In some embodiments, the controller <NUM> is further configured to output a retracted warning signal to a display responsively to receiving the retracted signal. The display may be, for example, disposed in an operator cab of a towing vehicle that is towing the baler <NUM> and configured to display a warning that the knife tray <NUM> has retracted in response to receiving the retracted warning signal. The controller <NUM> may be configured to receive a re-engage and return signal, from the display or elsewhere, after outputting the retracted warning signal and responsively output the re-engagement signal and the return signal. Thus, it should be appreciated that the controller <NUM> can alert an operator that the knife tray <NUM>, and carried knives <NUM>, has moved to the shielded position and allow an operator to signal for the actuator <NUM> to return the knife tray <NUM> to the exposed position.

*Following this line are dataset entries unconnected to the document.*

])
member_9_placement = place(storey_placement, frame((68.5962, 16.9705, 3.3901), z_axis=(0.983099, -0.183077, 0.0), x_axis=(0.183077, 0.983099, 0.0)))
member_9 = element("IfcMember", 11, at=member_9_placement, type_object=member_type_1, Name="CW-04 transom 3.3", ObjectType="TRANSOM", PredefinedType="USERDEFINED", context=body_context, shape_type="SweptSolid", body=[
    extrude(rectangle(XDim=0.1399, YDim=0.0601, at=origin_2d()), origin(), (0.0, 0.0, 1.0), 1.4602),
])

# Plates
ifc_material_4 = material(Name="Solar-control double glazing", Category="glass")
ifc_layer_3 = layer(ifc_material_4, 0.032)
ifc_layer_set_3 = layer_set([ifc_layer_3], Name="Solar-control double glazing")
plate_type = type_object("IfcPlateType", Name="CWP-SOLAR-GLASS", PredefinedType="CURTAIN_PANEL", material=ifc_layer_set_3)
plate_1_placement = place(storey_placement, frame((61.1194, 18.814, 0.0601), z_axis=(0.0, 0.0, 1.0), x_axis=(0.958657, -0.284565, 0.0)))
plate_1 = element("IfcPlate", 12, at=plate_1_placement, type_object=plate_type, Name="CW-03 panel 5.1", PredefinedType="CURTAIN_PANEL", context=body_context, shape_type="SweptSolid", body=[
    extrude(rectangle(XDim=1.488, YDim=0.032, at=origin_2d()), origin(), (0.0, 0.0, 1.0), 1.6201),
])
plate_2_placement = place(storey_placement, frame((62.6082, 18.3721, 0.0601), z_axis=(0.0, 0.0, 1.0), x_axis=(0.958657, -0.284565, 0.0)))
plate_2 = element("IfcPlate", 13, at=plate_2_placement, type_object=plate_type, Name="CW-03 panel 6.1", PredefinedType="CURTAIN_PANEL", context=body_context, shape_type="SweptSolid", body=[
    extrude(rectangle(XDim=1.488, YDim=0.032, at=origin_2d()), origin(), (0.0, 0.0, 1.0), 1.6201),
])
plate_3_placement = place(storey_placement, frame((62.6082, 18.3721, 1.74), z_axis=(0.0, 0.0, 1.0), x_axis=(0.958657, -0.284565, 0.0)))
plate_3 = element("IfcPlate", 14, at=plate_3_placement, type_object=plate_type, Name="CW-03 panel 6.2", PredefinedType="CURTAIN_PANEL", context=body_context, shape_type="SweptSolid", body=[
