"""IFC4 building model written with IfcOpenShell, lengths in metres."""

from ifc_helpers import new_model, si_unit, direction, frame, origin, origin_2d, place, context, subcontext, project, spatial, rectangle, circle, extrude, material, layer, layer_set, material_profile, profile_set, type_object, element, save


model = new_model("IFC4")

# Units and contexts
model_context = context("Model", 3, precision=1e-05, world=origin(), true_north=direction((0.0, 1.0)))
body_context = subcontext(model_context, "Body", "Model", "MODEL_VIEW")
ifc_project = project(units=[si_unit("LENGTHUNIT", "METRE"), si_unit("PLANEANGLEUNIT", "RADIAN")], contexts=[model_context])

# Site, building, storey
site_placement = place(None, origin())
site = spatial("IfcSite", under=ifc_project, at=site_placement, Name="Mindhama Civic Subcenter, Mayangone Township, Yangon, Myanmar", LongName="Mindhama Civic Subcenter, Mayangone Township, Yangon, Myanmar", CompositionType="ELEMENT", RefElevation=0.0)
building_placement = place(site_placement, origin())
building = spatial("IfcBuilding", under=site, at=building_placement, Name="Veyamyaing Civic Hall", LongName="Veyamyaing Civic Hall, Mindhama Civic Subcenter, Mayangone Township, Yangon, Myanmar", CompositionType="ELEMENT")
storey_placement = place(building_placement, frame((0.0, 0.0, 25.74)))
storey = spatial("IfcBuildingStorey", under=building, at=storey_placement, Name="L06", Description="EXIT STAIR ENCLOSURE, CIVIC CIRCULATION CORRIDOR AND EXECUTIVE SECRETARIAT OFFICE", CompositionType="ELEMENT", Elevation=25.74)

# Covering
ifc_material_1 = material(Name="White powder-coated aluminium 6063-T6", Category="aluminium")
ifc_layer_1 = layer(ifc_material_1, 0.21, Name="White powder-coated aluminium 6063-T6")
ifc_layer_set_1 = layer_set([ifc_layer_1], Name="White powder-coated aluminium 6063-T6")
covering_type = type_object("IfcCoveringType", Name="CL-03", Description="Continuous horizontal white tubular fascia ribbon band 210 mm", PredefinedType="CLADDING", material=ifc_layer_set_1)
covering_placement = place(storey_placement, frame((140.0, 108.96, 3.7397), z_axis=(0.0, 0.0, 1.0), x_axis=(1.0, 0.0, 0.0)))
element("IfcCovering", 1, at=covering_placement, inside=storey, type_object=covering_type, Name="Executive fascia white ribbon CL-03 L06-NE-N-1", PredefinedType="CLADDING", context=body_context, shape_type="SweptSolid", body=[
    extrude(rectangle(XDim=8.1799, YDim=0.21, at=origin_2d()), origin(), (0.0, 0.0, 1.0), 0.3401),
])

From the foregoing, it should be appreciated that the overload protection assembly <NUM> provided according to the present disclosure can prevent excessive loads from being transmitted to the cutting unit <NUM> by retracting the knives <NUM>. Retracting the knives <NUM> can also make it easier to clear a blockage by increasing the amount of clearance that is available to allow passage of the blockage. The slide members <NUM>, <NUM> can be adjusted in a variety of ways to tailor the overload force that causes the first slide member <NUM> to slide relative to the second slide member <NUM> so the knife tray <NUM> moves to the shielded position where the knives <NUM> are not exposed to collected crop material. Further, the slide members <NUM>, <NUM> can be easily assembled together as castings and controlled by, for example, extension and retraction of the actuator <NUM> to move the knife tray <NUM> and the knives <NUM> back to the exposed position from the retracted position. Thus, the overload protection assembly <NUM> provides an elegant solution for reducing the risk of the cutting unit <NUM> being damaged while also being easily manufactured and assembled and convenient for returning the knife tray <NUM> to the exposed position.

Claim 1:
A cutting unit (<NUM>) for an agricultural baler (<NUM>), comprising:
a plurality of knives (<NUM>);
a knife guard (<NUM>) comprising at least one opening (<NUM>); and
a knife tray (<NUM>) carrying the knives (<NUM>), the knife tray (<NUM>) being movable between an exposed position where the knives (<NUM>) extend through the at least one opening (<NUM>) and a retracted position where the knives (<NUM>) are shielded by the knife guard (<NUM>);
an overload protection assembly (<NUM>) comprising a first slide member (<NUM>) coupled to the knife tray (<NUM>) and comprising a first engagement surface (<NUM>) and a second slide member (<NUM>) comprising a second engagement surface (<NUM>) that is engaged with the first engagement surface (<NUM>), the first slide member (<NUM>) and the second slide member (<NUM>) being held together and slidable relative to one another such that the first slide member (<NUM>) slides relative to the second slide member (<NUM>) to move the knife tray (<NUM>) from the exposed position to the retracted position when an overload force is applied to at least one of the knives (<NUM>)
characterized in that
the first slide member (<NUM>) or the second slide member (<NUM>) comprises a locking projection (<NUM>) on its engagement surface (<NUM>, <NUM>) and the other of the first slide member (<NUM>) and the second slide member (<NUM>) comprises a recess (<NUM>) holding at least a portion of the locking projection (<NUM>), and
wherein the locking projection (<NUM>) and the recess (<NUM>) are configured to come out of full engagement when the knife tray (<NUM>) moves from the exposed position to the retracted position.